While some in media and political circles were quick to criticize Republicans’ handling of Tanden’s nomination as hypocritical (it was) or racist (I’d strongly beg to differ), few acknowledged the legitimate revolving-door concerns about Tanden voiced by progressives. Senator Bernie Sanders, a frequent target of Tanden’s Twitter tirades, called out CAP’s corporate fundraising under Tanden and asked her to pledge that CAP’s corporate donations would not influence her decision-making at OMB. Anti-corruption expert Zephyr Teachout has similarly cited CAP as “one of the most aggressive think tanks courting corporate donors”, while our own Jeff Hauser has called CAP’s corporate fundraising “corrosive” and “a way for [corporations] to build credibility in Washington.” Others on the left have blasted Tanden for previously supporting cuts to social safety net programs, censoring reporting at big donors’ request, and allegedly shutting down CAP affiliate ThinkProgress after its staff unionized.
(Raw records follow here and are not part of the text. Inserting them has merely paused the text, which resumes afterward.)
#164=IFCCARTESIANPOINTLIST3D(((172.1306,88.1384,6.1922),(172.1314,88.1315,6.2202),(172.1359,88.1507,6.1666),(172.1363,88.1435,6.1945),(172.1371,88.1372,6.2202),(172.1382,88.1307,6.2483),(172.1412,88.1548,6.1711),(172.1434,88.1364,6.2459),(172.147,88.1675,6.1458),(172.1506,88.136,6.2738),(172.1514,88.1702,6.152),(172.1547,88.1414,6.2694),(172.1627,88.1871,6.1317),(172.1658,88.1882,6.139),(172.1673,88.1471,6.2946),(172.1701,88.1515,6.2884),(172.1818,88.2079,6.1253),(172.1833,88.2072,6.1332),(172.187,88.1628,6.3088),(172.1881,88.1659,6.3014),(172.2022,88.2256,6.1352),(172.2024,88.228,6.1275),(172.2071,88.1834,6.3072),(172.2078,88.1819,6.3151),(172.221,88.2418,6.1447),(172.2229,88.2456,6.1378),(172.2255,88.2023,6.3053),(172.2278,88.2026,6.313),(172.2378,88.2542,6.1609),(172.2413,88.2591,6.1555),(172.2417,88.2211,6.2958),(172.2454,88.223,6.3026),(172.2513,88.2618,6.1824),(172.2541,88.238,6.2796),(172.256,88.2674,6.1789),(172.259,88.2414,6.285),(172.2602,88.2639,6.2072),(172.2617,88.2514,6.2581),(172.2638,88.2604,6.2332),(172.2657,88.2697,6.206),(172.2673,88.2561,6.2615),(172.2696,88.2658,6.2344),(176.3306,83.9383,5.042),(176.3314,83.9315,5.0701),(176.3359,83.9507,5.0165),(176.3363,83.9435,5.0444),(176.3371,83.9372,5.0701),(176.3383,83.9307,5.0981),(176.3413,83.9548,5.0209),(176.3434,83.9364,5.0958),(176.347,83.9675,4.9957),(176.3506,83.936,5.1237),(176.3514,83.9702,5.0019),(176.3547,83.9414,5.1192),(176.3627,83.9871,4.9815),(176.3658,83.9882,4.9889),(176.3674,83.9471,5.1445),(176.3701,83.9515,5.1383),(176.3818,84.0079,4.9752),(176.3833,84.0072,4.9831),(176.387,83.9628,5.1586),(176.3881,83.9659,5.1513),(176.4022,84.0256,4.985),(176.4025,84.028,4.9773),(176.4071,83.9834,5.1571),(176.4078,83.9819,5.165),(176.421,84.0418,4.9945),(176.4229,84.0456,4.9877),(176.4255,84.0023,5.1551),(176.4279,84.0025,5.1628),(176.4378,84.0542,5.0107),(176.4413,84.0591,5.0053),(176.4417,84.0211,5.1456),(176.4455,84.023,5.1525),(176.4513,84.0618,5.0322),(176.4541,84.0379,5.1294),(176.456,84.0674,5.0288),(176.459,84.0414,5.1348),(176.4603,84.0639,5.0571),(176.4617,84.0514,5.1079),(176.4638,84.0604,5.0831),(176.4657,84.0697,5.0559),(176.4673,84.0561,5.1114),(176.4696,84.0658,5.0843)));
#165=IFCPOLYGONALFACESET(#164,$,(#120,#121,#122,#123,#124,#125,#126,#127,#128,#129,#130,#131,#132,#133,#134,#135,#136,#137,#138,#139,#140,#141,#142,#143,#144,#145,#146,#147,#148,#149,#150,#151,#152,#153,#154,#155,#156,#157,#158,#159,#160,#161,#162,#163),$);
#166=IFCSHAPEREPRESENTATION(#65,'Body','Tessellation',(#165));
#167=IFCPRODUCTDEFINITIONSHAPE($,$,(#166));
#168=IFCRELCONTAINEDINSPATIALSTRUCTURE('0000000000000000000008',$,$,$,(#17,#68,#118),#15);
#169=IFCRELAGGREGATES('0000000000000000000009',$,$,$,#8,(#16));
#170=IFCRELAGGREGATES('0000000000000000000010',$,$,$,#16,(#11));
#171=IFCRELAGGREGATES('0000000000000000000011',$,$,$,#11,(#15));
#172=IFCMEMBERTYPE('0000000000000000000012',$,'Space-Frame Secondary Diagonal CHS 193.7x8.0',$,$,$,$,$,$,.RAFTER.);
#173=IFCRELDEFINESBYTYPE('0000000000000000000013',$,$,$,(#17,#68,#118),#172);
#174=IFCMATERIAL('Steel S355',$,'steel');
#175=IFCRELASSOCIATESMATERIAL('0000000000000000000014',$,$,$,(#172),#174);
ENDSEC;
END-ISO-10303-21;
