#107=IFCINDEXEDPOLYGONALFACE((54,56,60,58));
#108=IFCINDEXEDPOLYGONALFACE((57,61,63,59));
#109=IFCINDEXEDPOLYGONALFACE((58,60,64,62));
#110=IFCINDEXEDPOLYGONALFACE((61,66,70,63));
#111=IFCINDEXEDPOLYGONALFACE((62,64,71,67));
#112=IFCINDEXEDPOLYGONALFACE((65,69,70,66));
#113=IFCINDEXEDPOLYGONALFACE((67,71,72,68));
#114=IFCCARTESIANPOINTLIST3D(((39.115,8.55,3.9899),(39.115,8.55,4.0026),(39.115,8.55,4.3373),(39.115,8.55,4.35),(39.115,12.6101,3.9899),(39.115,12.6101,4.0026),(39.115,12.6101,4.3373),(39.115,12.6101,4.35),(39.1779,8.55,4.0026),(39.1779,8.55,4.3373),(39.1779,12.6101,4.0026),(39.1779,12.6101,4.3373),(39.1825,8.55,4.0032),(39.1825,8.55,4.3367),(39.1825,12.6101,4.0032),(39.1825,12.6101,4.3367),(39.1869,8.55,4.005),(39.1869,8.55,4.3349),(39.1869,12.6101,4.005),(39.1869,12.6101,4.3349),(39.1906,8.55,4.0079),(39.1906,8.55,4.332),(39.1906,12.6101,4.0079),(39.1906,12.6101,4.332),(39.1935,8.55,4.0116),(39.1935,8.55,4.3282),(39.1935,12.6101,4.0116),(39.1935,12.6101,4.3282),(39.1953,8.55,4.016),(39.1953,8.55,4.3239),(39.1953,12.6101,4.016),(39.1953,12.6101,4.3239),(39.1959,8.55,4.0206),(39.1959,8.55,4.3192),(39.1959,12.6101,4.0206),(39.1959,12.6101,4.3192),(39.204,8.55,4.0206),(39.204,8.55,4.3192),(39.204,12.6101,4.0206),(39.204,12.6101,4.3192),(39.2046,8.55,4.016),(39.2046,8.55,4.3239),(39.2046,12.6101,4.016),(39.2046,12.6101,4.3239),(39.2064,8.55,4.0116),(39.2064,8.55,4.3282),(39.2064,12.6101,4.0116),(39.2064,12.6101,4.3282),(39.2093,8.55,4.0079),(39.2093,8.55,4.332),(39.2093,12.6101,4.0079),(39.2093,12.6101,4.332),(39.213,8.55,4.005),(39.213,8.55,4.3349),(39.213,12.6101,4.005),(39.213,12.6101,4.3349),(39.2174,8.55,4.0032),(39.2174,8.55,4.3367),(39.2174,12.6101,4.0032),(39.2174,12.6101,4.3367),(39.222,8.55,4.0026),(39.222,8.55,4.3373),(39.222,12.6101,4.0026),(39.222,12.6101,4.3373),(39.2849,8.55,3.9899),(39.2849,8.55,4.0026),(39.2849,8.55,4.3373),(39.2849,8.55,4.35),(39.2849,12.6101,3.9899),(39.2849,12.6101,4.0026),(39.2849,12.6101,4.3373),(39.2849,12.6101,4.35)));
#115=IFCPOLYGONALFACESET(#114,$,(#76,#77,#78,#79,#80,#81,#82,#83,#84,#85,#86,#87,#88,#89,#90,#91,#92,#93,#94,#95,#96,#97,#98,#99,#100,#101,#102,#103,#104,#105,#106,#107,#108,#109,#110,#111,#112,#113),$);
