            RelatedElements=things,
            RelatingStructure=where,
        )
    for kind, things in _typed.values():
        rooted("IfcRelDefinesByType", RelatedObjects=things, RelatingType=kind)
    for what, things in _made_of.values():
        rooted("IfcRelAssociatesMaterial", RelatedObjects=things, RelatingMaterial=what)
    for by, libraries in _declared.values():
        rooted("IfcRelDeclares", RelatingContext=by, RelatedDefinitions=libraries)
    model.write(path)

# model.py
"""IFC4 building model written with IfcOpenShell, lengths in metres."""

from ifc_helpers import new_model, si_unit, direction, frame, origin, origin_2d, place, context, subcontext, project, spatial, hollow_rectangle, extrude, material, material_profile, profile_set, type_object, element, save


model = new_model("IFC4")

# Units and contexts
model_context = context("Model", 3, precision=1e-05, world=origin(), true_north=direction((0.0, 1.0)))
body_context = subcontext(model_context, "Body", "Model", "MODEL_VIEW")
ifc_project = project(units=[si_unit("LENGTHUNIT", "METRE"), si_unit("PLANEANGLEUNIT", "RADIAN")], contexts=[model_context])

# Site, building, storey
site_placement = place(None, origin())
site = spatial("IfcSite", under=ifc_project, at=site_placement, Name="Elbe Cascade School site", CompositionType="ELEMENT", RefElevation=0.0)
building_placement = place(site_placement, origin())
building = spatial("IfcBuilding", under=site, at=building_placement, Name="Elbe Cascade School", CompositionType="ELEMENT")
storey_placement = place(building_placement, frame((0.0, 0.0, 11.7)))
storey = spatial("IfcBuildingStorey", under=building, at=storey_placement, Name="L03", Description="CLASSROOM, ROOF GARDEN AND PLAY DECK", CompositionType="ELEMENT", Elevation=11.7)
Expect many of these concerns about Tanden to resurface if she receives a consolation-prize job in the White House as promised.

Vanita Gupta

Gupta’s nomination, like Tanden’s, has been plagued by not only disingenuous complaints about her social media presence, but also her connections to private industry. Gupta’s multimillion dollar stake in chemical giant Avantor, whose board is chaired by her father Rajiv, has come under fire from multiple Republican Senators. Dairy Queen aficionado Chuck Grassley, outraged that Avantor’s products have been easily diverted by drug cartels to produce heroin, grilled Gupta for further details on her ownership stake in the company. John Cornyn (evidently still angry about Gupta’s work freeing 35 people wrongfully convicted and imprisoned by him) similarly criticized Gupta during her confirmation hearing in a heated exchange that was covered by the Daily Caller, Fox News, and the National Review. The Gupta family’s ownership stake in auto parts manufacturer Aptiv PLC also prompted the Washington Free Beacon and Breitbart to contrast Gupta’s support for a $15 minimum wage with Aptiv’s $1.30 hourly wage at its Zacatecas, Mexico plant. 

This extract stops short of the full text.